November 10, 2005
This was filmed live in September 2004 in front of about 200 people at the Hi Tone Cafe in Memphis.
This is pretty good, and significantly disappointed me. I know that I'm one of the world's biggest Elvis Costello fanboys, and if "pretty good" is all that he's getting from me, he's not on the top of his game.
It's always good to watch Elvis work, but you definitely wouldn't take just the audio track to any of these performances in lieu of the studio recordings.
Perhaps he was just trying too hard. A lot of these songs are a little rushed, as if he were trying to substitute speed for enthusiasm. The worst thing, though, damning half the set is that he's sort of Dylanizing his songs, screwing around with the vocal melodies to the point of undermining the whole damned song.
On the better end, it was interesting to see his opening with "Waiting for the End of the World." That came off pretty well, as did "High Infidelity," and a good version of "Blame It On Cain." He was obviously conscious of being at rock and roll ground zero, and you could hear that Memphis soul breathing a bit of fresh life into these warhorses.

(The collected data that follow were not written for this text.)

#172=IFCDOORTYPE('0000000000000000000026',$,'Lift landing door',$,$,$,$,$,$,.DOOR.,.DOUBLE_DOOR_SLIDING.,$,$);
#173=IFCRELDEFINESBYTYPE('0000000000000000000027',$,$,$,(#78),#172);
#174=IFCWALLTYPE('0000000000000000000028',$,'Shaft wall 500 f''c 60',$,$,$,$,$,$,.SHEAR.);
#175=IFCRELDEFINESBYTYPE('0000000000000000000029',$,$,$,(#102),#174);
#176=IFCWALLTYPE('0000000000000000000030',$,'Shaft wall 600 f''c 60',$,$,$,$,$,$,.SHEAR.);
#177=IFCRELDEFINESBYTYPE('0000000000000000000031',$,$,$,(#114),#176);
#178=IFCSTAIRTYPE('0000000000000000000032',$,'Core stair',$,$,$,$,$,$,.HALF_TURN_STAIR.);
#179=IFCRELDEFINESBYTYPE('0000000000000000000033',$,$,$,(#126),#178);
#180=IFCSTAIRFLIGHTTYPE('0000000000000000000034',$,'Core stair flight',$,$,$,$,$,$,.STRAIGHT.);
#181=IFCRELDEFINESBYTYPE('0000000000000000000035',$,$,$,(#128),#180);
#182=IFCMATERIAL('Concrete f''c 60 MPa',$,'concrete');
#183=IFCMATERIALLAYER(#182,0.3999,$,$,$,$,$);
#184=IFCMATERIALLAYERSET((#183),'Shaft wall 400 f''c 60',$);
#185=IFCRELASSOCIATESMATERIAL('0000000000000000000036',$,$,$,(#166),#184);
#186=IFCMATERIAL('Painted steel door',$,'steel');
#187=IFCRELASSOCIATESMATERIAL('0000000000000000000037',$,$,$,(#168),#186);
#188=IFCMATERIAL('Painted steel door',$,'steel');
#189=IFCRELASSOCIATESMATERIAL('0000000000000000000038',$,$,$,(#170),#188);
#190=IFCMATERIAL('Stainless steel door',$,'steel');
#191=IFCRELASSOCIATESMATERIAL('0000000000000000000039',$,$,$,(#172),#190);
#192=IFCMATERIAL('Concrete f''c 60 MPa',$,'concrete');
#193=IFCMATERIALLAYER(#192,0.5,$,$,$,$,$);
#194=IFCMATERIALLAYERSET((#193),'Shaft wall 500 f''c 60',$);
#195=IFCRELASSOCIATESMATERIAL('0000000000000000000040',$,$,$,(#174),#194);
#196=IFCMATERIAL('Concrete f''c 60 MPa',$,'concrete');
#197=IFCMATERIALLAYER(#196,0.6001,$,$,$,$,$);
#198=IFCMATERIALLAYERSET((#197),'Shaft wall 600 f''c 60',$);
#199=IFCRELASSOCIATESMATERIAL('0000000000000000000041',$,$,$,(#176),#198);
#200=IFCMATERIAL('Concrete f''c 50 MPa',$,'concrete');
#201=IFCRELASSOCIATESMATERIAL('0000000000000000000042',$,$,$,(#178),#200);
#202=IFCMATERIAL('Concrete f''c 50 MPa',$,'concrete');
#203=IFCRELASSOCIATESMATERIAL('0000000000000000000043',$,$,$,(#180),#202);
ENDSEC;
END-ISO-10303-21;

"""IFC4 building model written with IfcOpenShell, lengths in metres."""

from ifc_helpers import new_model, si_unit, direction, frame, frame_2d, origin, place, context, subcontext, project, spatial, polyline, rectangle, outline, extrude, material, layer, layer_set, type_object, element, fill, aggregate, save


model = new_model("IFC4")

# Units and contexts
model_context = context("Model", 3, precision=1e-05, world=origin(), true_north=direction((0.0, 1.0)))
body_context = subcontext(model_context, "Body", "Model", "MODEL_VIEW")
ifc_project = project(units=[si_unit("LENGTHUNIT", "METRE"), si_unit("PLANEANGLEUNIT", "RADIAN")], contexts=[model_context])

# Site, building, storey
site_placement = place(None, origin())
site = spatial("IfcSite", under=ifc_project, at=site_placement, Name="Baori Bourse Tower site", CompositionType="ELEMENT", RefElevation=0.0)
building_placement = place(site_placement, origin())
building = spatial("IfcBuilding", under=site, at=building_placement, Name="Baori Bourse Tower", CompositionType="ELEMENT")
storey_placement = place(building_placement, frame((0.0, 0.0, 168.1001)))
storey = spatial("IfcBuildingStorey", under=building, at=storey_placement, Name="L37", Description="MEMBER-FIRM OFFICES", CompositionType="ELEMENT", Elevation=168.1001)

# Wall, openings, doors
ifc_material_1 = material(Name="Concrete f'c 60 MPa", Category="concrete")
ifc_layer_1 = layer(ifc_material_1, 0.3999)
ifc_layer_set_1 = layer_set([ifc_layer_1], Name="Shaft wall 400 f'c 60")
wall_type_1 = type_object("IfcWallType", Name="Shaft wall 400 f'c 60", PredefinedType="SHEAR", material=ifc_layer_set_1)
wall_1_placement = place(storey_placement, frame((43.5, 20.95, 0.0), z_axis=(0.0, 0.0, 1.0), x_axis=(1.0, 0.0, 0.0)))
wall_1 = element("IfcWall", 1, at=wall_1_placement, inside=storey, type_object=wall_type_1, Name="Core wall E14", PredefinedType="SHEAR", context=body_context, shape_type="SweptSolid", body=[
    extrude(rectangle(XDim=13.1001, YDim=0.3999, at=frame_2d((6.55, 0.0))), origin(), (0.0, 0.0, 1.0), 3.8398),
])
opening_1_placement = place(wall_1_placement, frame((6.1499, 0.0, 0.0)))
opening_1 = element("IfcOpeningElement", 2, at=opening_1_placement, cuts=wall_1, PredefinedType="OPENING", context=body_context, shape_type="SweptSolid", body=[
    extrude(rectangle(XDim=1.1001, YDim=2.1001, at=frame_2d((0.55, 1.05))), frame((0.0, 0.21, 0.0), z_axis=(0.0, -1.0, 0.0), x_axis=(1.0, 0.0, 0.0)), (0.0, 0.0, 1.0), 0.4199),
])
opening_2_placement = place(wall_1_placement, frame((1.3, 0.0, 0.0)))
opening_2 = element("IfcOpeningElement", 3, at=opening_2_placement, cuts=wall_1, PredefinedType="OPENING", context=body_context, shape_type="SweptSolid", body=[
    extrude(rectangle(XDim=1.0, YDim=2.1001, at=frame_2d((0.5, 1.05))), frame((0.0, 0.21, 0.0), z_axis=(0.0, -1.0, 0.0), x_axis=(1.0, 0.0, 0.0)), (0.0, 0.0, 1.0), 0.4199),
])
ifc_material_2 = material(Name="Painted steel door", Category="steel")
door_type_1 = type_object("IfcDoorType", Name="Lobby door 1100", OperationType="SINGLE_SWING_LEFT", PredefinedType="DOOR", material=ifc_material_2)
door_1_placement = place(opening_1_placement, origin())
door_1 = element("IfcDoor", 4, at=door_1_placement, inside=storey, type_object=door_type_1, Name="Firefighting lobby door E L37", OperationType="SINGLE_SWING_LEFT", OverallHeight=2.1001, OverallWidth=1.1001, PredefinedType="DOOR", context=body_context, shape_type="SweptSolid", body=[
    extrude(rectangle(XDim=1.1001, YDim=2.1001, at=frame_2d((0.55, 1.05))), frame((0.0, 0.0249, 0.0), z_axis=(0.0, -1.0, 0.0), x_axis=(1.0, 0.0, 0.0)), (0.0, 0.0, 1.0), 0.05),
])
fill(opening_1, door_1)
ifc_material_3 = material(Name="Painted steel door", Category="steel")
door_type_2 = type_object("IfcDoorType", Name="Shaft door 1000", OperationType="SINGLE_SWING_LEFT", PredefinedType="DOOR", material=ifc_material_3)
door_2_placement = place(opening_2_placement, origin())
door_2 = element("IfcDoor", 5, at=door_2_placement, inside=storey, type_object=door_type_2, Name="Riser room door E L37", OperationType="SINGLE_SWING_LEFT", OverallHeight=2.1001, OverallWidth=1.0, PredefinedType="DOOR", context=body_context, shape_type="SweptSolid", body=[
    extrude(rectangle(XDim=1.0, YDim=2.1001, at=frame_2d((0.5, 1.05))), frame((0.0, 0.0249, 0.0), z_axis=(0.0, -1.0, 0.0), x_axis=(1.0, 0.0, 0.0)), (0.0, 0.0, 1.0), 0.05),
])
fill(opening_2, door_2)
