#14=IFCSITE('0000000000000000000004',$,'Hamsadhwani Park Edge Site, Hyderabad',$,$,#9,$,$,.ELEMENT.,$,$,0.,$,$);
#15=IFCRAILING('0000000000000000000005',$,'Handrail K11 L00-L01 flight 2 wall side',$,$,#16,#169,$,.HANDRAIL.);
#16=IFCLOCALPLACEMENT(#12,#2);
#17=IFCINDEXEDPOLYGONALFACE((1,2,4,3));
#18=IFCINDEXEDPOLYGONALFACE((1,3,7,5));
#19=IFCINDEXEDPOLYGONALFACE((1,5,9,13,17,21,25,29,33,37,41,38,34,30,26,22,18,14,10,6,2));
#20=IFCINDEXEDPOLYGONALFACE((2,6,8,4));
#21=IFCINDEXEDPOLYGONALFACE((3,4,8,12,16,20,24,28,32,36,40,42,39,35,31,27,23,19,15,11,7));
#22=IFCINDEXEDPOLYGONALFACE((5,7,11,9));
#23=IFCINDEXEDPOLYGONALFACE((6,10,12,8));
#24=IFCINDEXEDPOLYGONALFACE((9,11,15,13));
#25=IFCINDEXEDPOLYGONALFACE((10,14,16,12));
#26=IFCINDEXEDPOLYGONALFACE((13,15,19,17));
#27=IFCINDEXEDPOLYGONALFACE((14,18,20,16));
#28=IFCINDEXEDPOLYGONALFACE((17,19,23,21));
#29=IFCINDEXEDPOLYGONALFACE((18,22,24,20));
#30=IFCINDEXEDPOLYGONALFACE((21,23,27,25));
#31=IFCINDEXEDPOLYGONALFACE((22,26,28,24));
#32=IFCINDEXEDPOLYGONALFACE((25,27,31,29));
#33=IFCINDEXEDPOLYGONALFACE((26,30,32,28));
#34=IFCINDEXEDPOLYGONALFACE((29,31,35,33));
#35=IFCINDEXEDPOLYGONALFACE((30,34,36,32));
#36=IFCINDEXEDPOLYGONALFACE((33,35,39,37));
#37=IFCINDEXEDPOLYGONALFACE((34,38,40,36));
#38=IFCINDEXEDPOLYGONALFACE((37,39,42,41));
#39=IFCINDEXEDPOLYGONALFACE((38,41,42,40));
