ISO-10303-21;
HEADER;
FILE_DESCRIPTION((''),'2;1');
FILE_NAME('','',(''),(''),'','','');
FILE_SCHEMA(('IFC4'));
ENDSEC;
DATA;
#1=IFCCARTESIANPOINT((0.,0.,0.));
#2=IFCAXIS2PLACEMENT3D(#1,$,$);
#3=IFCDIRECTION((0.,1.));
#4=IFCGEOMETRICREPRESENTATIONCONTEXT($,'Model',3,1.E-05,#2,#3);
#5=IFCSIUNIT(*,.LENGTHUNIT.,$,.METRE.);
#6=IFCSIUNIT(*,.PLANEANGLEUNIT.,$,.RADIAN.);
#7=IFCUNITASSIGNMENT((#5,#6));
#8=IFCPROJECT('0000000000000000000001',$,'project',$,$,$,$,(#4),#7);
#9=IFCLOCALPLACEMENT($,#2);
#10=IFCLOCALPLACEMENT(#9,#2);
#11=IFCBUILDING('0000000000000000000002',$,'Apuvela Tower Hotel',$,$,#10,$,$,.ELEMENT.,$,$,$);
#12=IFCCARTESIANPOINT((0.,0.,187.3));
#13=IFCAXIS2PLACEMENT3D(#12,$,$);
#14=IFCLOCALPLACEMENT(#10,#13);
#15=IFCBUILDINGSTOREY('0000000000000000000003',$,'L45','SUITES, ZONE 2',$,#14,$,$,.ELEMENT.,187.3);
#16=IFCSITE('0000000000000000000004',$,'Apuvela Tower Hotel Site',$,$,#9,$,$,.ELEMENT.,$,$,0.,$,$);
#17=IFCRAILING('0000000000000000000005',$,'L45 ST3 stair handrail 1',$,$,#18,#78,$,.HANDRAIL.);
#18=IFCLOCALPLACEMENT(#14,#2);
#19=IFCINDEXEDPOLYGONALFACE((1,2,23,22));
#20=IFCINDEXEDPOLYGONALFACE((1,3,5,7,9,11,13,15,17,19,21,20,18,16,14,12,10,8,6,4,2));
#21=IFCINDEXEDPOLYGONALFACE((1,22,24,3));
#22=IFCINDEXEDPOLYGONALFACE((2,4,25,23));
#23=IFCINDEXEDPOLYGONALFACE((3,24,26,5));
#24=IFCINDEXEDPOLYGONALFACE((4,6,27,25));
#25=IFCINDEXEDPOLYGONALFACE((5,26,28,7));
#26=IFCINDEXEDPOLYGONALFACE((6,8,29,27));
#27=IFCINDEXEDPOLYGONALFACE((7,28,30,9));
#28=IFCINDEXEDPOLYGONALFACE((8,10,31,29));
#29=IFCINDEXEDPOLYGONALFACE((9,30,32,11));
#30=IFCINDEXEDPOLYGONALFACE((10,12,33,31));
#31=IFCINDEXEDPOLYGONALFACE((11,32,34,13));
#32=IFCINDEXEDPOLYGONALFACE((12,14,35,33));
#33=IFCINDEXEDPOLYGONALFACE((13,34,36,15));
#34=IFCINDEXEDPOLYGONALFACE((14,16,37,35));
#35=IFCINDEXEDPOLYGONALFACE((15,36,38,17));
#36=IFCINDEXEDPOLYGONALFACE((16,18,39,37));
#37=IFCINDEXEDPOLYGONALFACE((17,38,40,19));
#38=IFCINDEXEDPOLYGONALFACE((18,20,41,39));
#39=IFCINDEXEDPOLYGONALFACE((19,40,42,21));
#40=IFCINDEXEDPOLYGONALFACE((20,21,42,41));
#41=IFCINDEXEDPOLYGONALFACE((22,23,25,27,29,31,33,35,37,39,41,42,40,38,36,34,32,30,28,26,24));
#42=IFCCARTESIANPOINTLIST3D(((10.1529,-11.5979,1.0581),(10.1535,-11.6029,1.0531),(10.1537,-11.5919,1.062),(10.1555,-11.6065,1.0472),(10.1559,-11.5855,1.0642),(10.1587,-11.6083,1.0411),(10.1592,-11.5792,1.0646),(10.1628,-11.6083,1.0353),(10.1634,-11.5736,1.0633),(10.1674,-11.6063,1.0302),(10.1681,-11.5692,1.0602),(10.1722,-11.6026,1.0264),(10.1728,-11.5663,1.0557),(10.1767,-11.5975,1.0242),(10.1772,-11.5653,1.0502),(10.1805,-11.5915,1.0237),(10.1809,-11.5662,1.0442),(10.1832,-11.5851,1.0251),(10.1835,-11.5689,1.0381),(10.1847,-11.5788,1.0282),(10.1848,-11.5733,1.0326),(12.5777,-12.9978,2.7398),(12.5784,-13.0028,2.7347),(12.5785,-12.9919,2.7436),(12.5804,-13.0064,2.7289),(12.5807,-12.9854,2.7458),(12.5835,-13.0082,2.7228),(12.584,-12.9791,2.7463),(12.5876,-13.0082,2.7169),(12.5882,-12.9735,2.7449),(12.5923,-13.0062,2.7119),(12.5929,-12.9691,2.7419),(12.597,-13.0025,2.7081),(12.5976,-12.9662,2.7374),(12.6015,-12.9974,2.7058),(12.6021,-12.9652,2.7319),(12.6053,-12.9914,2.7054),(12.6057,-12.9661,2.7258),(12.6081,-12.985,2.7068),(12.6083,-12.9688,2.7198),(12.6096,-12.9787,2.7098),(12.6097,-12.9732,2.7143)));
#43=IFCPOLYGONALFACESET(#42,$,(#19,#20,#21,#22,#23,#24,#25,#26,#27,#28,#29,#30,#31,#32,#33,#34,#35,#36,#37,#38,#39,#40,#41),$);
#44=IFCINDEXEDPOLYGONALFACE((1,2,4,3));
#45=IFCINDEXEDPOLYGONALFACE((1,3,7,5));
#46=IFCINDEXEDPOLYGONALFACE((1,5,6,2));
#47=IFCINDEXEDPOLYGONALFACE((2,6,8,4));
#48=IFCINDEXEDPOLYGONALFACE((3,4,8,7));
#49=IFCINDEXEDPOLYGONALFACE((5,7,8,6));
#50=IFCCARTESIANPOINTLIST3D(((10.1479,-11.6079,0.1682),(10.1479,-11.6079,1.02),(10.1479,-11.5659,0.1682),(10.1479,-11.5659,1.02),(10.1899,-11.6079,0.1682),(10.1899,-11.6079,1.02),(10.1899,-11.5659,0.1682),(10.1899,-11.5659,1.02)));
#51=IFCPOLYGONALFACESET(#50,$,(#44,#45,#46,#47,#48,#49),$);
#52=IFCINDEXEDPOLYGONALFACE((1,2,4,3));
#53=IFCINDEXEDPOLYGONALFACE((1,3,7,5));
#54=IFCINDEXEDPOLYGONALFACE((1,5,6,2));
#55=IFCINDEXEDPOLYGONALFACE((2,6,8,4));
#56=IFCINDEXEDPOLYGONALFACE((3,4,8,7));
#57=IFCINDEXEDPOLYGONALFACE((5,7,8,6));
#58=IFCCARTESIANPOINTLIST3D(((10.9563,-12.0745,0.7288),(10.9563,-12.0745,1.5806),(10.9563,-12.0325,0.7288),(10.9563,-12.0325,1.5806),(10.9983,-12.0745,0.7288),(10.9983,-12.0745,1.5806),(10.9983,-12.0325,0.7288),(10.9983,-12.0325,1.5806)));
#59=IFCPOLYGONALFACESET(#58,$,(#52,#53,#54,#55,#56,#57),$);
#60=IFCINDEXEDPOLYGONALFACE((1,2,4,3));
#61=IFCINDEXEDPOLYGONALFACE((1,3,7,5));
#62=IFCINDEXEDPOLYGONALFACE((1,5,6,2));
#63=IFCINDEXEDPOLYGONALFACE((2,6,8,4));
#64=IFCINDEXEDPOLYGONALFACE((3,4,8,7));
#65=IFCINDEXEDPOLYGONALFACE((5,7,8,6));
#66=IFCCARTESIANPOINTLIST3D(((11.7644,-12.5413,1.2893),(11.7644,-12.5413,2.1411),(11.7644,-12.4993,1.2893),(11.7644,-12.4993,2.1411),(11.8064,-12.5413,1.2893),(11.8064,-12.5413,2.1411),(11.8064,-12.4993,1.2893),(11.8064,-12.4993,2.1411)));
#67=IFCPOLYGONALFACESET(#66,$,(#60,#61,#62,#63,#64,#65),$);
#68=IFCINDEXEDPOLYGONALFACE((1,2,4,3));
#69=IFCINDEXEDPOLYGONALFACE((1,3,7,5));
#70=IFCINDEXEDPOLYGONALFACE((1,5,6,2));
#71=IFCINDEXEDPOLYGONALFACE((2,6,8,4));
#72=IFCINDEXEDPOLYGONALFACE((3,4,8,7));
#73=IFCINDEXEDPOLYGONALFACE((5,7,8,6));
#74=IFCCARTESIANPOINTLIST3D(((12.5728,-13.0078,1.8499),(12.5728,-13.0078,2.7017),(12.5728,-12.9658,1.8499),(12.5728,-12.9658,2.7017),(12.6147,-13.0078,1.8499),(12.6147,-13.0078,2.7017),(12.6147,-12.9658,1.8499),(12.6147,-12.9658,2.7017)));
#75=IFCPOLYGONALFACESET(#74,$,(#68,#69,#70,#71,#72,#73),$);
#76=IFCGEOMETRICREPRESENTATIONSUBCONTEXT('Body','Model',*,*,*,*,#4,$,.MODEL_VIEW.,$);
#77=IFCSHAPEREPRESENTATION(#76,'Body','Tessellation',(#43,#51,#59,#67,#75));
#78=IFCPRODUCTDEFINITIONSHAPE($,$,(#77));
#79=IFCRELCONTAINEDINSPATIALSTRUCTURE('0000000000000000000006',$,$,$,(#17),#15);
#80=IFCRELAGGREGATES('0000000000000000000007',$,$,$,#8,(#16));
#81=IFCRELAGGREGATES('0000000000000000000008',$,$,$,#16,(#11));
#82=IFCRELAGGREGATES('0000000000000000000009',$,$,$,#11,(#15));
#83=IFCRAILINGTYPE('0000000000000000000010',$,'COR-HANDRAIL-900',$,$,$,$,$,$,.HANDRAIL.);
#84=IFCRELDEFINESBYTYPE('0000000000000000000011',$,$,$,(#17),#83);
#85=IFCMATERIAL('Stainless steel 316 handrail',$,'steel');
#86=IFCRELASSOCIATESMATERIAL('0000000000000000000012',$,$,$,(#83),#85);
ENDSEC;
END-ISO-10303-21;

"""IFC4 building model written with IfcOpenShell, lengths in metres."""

from ifc_helpers import new_model, si_unit, direction, frame, origin, origin_2d, place, context, subcontext, project, spatial, rectangle, circle, extrude, material, type_object, element, save


model = new_model("IFC4")

# Units and contexts
model_context = context("Model", 3, precision=1e-05, world=origin(), true_north=direction((0.0, 1.0)))
body_context = subcontext(model_context, "Body", "Model", "MODEL_VIEW")
ifc_project = project(units=[si_unit("LENGTHUNIT", "METRE"), si_unit("PLANEANGLEUNIT", "RADIAN")], contexts=[model_context])

# Site, building, storey
site_placement = place(None, origin())
site = spatial("IfcSite", under=ifc_project, at=site_placement, Name="Apuvela Tower Hotel Site", CompositionType="ELEMENT", RefElevation=0.0)
building_placement = place(site_placement, origin())
building = spatial("IfcBuilding", under=site, at=building_placement, Name="Apuvela Tower Hotel", CompositionType="ELEMENT")
storey_placement = place(building_placement, frame((0.0, 0.0, 187.3)))
storey = spatial("IfcBuildingStorey", under=building, at=storey_placement, Name="L45", Description="SUITES, ZONE 2", CompositionType="ELEMENT", Elevation=187.3)

# Railing
ifc_material_1 = material(Name="Stainless steel 316 handrail", Category="steel")
railing_type_1 = type_object("IfcRailingType", Name="COR-HANDRAIL-900", PredefinedType="HANDRAIL", material=ifc_material_1)
railing_1_placement = place(storey_placement, frame((10.1689, -11.5869, 0.1682)))
element("IfcRailing", 1, at=railing_1_placement, inside=storey, type_object=railing_type_1, Name="L45 ST3 stair handrail 1", PredefinedType="HANDRAIL", context=body_context, shape_type="SweptSolid", body=[
    extrude(circle(Radius=0.0239, at=origin_2d()), frame((0.0, 0.0, 0.876), z_axis=(0.742419, -0.428618, 0.514879), x_axis=(0.499984, 0.866035, 0.0)), (0.0, 0.0, 1.0), 3.2661),
    extrude(rectangle(XDim=0.042, YDim=0.042, at=origin_2d()), origin(), (0.0, 0.0, 1.0), 0.8518),
    extrude(rectangle(XDim=0.042, YDim=0.042, at=origin_2d()), frame((0.8083, -0.4666, 0.5605)), (0.0, 0.0, 1.0), 0.8518),
    extrude(rectangle(XDim=0.042, YDim=0.042, at=origin_2d()), frame((1.6165, -0.9333, 1.1211)), (0.0, 0.0, 1.0), 0.8518),
    extrude(rectangle(XDim=0.042, YDim=0.042, at=origin_2d()), frame((2.4248, -1.3999, 1.6816)), (0.0, 0.0, 1.0), 0.8518),
])

save(model, "model.ifc")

Generally, he actually did better playing the new songs from The Delivery Man, which was just a few weeks old at the time. This is one of his better albums, and he has great enthusiasm for his latest stuff. "Either Side of the Same Town" comes off pretty good, and he sells "Country Darkness" pretty well. "There's a Story in Your Voice" really needed Lucinda Williams' part, though. That one's just meant to be a duet.
Some of the older stuff, though, was flat. The audience clearly cared a lot more about "Alison" than Elvis did, and the insertion of "Suspicious Minds" completely does not work, as he didn't use the actual melody of the song. Plus, there's not much point of him singing "Radio Radio" or "Pump It Up" at this point.
Emmylou Harris stepped in for a few songs in the middle. They recreated their duet of "Heart Shaped Bruise" from The Delivery Man to pretty fair effect. The Gram Parsons song struck me as mediocre, though. Their best moment here was "I Still Miss Someone." They got a pretty fair Johnny and June vibe going there.
People sometimes criticize Elvis for insularity. The "delivery man" story would be just the kind of thing they'd probably mean. He wrote some part of a story line for this album, then ditched the story, but left lots of bits of characters and names hanging around. He took a minute here before singing the very good title song to explain the concept a bit. This clearly made it significantly worse and more annoying rather than better.
Also, along with some bonus documentary yapping, there are four additional songs not listed on the package as "bonus songs." This was an annoying tactic. You have to fool with them to get to them and watch them, and the songs would have made better sense in their original spots in the show, particularly the two Emmylou Harris songs.
"My Baby's Gone" (w/Emmylou Harris)
"There's a Story in Your Voice"
"Buttom My Lip"
"Sleepless Nights" (w/Emmylou Harris)
However, probably the best musical part of the whole set is the "bonus" performance of "Button My Lip." This was the first song off the album, and an outstanding rhythm song which benefited particularly from the whole Memphis vibe.
All in all though, this was not particularly Elvis' best night. I've seen him thrice, and a video of any of those shows would blow this away.
If you're really into Elvis, then you should definitely see this. Like I said, it's pretty good. It's just not all it should have been.
If you want Elvis video, or a good intro to Elvis for, say, some young nephew, try the recently released compilation plus live clips The Right Spectacle.